Looking at GPT’s understanding of pronouns in semantically ambiguous situations, its sense of humor, or its complex sentence structures, I’d surmise that even the current version is sufficient for general language understanding. But there’s some other algorithm as yet un-invented, or at least a particular combination of existing algorithms and training tasks that are needed to approach actual intelligence.
Understanding language: Identifying meaningful patterns
To return to the initial prompt: Whether it’s the unscientific wonder at seeing a Shakespearean sonnet arise from the dust of simple word prediction tasks, or the steady erosion of the human gap in myriad tasks to plumb the depth of artificial understanding of language, the language models in use today are not just a parlor trick. These processes do not just parrot human language but find the meaningful patterns within it — be it syntactic, semantic, or pragmatic.
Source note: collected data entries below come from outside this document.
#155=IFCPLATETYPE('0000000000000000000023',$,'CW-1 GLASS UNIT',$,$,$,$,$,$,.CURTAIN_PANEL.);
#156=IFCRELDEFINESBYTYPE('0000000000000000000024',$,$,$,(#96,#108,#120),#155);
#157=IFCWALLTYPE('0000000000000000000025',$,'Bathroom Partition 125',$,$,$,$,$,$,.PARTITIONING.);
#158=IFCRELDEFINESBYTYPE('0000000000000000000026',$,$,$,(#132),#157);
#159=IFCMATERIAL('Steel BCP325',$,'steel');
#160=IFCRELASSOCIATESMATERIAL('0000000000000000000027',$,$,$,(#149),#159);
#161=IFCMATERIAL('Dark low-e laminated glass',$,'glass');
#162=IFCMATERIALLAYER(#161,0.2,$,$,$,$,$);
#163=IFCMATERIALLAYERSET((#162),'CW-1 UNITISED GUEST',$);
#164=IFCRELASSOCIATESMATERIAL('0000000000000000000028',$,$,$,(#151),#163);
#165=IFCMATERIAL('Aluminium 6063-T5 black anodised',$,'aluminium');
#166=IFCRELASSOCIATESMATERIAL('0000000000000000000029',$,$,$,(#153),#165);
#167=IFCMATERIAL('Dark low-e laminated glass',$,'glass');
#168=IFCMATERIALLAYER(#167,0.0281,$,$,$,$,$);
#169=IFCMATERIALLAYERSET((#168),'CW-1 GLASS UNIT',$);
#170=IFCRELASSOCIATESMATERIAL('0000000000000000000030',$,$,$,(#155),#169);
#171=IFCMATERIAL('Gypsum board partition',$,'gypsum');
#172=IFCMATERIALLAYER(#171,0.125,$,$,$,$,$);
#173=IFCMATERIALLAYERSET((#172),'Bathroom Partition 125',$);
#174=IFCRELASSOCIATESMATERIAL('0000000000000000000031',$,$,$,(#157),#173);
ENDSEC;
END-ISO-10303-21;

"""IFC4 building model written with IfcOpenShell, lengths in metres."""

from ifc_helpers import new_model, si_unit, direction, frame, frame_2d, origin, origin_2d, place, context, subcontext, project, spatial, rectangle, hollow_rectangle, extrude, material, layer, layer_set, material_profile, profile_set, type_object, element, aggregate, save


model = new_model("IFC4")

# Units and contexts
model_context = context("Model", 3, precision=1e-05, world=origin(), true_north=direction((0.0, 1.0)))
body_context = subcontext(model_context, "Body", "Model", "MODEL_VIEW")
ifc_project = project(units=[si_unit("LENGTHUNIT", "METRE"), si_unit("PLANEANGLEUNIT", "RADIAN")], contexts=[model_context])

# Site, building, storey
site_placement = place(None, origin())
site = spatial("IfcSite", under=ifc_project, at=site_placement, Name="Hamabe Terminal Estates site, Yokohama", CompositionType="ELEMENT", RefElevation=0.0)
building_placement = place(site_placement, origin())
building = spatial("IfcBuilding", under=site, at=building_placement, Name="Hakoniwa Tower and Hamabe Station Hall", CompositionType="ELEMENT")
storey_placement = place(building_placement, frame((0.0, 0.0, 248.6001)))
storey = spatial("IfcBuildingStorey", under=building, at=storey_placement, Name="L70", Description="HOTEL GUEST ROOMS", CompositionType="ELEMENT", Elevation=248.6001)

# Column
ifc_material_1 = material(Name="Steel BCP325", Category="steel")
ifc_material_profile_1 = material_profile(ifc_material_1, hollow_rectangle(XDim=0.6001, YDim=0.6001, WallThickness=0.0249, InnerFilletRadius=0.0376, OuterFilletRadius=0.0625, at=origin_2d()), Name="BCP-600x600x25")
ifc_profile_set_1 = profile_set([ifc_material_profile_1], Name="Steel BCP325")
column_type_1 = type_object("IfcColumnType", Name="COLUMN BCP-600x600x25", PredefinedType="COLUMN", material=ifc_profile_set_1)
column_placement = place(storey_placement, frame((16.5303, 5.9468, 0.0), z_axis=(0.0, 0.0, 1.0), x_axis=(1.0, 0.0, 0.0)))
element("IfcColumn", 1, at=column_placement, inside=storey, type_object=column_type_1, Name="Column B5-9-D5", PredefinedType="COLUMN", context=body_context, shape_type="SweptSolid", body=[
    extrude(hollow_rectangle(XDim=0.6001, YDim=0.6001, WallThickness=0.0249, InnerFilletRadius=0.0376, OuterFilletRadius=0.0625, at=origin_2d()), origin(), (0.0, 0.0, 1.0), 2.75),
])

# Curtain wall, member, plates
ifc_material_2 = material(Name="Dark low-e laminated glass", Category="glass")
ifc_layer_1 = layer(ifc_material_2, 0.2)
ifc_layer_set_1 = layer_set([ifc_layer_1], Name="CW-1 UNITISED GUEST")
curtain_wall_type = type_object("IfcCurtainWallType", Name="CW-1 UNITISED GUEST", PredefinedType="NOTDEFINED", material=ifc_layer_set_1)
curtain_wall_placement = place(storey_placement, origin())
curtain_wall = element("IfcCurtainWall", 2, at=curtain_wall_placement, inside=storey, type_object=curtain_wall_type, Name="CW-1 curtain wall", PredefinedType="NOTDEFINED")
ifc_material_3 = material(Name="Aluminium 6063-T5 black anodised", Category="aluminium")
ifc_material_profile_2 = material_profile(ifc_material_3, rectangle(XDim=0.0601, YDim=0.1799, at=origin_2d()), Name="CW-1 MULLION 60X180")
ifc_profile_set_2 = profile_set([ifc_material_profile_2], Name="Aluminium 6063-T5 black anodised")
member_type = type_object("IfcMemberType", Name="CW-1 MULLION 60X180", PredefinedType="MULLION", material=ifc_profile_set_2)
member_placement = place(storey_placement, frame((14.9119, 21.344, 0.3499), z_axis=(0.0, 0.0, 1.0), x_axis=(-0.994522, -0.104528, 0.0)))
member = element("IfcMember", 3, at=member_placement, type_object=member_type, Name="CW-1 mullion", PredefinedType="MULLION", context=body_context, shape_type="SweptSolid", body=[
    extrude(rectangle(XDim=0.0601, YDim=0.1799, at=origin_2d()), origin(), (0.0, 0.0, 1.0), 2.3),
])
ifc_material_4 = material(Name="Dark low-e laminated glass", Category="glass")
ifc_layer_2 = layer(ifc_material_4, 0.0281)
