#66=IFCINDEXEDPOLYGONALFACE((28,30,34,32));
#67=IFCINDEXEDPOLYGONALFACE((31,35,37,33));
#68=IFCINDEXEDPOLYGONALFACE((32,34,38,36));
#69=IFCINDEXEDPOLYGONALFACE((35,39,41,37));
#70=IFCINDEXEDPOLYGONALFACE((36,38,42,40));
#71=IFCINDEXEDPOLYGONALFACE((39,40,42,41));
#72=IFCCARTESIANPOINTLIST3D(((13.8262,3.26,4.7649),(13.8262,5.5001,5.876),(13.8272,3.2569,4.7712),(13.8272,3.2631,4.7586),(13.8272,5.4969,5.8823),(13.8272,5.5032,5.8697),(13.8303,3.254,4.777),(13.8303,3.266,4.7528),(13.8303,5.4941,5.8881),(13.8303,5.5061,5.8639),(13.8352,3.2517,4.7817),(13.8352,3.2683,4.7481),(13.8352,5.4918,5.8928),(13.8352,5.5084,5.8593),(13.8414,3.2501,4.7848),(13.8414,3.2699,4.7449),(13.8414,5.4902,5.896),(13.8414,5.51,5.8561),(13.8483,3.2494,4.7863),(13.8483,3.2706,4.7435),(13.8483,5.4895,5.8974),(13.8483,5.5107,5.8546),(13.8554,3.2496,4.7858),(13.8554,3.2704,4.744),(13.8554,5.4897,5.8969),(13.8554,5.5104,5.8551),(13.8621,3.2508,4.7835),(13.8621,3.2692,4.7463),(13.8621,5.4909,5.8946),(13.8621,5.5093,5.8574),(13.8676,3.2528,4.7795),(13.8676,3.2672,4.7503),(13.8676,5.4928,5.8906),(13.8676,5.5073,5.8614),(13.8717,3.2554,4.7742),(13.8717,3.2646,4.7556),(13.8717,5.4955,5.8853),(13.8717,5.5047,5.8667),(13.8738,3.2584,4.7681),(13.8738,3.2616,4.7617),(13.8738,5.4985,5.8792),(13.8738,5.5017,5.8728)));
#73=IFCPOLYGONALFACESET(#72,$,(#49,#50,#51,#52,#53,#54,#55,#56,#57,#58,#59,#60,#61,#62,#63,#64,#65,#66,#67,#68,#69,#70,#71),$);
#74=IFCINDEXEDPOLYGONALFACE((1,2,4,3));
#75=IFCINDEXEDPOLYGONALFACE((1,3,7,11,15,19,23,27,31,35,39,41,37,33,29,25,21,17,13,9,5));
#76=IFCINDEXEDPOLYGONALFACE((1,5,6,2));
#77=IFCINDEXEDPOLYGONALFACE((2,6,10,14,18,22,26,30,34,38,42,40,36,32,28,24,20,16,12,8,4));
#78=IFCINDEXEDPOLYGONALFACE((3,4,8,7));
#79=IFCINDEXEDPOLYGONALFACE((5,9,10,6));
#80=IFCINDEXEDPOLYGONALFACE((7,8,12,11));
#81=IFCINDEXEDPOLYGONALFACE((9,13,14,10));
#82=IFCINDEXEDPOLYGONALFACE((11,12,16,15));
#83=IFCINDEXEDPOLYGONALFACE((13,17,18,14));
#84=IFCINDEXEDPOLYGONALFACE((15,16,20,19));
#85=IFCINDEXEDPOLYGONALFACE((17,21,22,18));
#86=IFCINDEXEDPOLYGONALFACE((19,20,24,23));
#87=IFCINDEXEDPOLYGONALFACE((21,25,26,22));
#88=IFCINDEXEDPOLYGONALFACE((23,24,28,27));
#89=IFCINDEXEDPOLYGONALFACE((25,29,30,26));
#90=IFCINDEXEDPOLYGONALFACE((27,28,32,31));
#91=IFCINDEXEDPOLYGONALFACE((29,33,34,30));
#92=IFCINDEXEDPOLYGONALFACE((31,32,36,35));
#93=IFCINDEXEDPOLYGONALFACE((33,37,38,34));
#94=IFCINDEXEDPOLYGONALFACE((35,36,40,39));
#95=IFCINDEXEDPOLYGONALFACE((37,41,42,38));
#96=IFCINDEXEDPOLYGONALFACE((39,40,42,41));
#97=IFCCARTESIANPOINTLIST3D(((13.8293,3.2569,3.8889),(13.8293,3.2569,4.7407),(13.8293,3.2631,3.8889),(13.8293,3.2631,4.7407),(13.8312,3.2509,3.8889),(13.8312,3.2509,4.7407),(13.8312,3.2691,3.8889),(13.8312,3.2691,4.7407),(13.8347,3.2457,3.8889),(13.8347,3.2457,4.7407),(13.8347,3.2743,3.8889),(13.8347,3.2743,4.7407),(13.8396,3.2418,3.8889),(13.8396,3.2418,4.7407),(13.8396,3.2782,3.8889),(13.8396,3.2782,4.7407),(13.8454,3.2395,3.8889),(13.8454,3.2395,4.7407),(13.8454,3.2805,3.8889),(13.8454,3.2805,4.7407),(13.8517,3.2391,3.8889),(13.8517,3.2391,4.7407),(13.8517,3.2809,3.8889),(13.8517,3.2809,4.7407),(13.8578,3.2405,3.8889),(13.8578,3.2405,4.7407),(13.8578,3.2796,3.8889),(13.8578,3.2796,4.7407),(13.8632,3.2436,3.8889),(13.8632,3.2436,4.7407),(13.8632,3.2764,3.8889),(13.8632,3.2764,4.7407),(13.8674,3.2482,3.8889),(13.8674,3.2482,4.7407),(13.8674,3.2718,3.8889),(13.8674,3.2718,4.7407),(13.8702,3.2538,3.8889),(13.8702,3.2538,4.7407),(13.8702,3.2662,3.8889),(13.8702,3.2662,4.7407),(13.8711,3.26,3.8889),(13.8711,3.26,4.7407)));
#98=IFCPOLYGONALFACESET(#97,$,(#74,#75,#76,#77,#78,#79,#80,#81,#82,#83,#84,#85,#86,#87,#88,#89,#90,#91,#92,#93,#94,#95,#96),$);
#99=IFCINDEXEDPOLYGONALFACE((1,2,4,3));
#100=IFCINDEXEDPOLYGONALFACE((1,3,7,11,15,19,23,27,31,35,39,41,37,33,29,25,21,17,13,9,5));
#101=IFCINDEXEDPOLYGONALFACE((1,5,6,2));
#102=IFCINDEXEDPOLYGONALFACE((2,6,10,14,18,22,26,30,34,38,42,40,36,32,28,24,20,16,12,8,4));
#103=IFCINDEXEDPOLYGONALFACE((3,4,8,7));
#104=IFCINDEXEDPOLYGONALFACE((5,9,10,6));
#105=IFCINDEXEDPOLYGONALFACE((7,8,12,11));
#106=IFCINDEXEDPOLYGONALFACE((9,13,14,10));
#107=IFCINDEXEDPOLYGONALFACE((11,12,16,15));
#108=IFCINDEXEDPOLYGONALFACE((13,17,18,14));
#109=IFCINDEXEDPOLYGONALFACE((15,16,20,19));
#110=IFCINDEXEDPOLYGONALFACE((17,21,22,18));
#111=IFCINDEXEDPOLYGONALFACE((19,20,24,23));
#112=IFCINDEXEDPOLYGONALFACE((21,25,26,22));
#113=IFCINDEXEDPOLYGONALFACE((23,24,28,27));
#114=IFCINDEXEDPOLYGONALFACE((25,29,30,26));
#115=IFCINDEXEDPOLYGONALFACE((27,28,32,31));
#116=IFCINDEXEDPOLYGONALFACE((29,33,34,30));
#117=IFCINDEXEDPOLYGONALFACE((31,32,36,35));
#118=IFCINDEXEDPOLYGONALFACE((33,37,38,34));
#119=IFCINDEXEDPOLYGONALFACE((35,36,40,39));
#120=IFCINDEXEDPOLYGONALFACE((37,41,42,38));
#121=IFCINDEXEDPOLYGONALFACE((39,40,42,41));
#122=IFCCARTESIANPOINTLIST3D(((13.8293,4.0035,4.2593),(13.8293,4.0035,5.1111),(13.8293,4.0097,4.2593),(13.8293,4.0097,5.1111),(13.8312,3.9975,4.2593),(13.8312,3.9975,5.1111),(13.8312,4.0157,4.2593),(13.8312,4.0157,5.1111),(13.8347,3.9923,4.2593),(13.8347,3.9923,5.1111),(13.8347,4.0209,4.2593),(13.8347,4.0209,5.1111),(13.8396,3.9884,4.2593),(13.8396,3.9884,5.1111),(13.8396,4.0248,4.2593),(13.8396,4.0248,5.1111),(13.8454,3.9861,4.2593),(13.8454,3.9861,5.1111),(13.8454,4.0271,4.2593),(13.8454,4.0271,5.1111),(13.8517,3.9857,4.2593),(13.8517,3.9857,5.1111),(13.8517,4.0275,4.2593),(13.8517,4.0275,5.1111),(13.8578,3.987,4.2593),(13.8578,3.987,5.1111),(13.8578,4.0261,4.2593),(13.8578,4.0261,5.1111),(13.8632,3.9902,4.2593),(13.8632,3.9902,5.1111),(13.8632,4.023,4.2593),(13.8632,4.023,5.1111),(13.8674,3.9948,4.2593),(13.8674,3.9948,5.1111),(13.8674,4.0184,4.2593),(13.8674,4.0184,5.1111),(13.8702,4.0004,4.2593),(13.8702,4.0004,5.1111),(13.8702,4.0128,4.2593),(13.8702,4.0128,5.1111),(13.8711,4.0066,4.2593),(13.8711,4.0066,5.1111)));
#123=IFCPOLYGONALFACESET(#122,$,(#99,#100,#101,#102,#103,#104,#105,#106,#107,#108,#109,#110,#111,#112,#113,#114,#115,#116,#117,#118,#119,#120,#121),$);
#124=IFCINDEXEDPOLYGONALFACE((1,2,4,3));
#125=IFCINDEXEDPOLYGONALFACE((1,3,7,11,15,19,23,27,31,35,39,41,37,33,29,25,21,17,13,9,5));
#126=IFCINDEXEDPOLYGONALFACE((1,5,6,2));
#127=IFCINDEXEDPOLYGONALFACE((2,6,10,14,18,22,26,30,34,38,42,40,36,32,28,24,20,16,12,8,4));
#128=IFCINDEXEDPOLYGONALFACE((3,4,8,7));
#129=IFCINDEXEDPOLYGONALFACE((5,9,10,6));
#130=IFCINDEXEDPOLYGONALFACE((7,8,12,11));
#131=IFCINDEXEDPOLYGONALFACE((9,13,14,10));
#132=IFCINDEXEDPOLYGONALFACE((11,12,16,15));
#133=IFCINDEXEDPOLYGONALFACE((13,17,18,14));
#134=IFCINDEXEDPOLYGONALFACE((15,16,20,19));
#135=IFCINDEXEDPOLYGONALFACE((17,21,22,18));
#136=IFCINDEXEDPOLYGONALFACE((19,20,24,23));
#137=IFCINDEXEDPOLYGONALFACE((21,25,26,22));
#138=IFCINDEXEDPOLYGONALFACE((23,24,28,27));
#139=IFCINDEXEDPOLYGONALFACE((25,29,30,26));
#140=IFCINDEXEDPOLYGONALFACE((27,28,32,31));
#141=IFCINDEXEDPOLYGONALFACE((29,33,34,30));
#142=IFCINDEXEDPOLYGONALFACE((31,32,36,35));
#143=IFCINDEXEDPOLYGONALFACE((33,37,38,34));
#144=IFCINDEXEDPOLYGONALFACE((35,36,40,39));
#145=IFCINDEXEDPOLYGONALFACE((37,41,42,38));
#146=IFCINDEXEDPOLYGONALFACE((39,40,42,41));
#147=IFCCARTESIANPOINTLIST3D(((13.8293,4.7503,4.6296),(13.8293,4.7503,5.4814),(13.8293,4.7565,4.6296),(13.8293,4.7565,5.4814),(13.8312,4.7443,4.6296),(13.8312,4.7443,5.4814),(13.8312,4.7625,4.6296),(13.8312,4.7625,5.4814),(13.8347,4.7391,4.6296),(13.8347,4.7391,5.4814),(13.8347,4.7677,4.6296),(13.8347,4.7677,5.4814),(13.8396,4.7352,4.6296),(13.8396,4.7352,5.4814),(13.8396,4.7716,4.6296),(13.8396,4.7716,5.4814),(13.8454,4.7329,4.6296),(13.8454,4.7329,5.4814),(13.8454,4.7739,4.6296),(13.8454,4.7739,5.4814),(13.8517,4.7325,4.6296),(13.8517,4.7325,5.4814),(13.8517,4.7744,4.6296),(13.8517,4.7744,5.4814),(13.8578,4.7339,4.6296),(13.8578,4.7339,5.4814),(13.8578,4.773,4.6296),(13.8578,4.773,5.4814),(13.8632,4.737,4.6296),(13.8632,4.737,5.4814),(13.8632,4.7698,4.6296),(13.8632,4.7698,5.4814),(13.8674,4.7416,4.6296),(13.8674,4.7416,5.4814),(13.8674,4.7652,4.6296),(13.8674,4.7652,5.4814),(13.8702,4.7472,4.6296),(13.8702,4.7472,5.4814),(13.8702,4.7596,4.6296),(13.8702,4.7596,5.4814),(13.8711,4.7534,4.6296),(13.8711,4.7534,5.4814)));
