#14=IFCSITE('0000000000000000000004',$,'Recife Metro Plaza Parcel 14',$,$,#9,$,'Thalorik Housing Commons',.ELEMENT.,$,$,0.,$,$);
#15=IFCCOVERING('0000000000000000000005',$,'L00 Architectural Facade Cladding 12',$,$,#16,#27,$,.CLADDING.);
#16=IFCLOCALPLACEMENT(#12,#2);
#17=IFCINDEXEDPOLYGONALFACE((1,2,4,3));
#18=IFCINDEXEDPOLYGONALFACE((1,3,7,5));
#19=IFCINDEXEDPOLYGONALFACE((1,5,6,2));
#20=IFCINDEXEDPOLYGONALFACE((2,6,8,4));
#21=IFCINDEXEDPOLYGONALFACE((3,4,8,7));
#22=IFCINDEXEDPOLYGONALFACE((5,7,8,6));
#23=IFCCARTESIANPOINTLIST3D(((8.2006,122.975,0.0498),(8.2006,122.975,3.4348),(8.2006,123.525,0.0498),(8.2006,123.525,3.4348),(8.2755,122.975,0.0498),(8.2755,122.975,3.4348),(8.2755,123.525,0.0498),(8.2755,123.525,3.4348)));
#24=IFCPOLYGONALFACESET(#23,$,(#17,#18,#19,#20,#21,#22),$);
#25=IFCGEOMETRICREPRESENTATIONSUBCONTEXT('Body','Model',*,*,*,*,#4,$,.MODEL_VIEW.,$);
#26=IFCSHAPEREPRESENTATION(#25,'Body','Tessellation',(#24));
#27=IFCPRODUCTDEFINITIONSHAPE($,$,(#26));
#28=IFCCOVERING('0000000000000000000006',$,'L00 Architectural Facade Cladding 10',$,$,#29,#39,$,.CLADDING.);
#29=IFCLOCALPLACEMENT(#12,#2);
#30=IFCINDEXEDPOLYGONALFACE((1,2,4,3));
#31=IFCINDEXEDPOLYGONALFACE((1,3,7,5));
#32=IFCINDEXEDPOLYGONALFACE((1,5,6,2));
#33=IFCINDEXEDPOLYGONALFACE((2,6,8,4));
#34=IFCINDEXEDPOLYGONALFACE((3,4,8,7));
Yet, there’s something more going on in our head, even if it’s just the same techniques self-applied at another level of abstraction. Without some clever new technique, we’ll continue banging our heads on the limitations of our otherwise impressive tools. And who can say when the bolt of inspiration will strike there?
So no, true AIs have not yet arrived. But we’re significantly closer than we were before, and I predict when it does, some variation of self-attention and contrastive learning will be a significant portion of that solution.
Paul Barba is Chief Scientist at Lexalytics, an InMoment Company.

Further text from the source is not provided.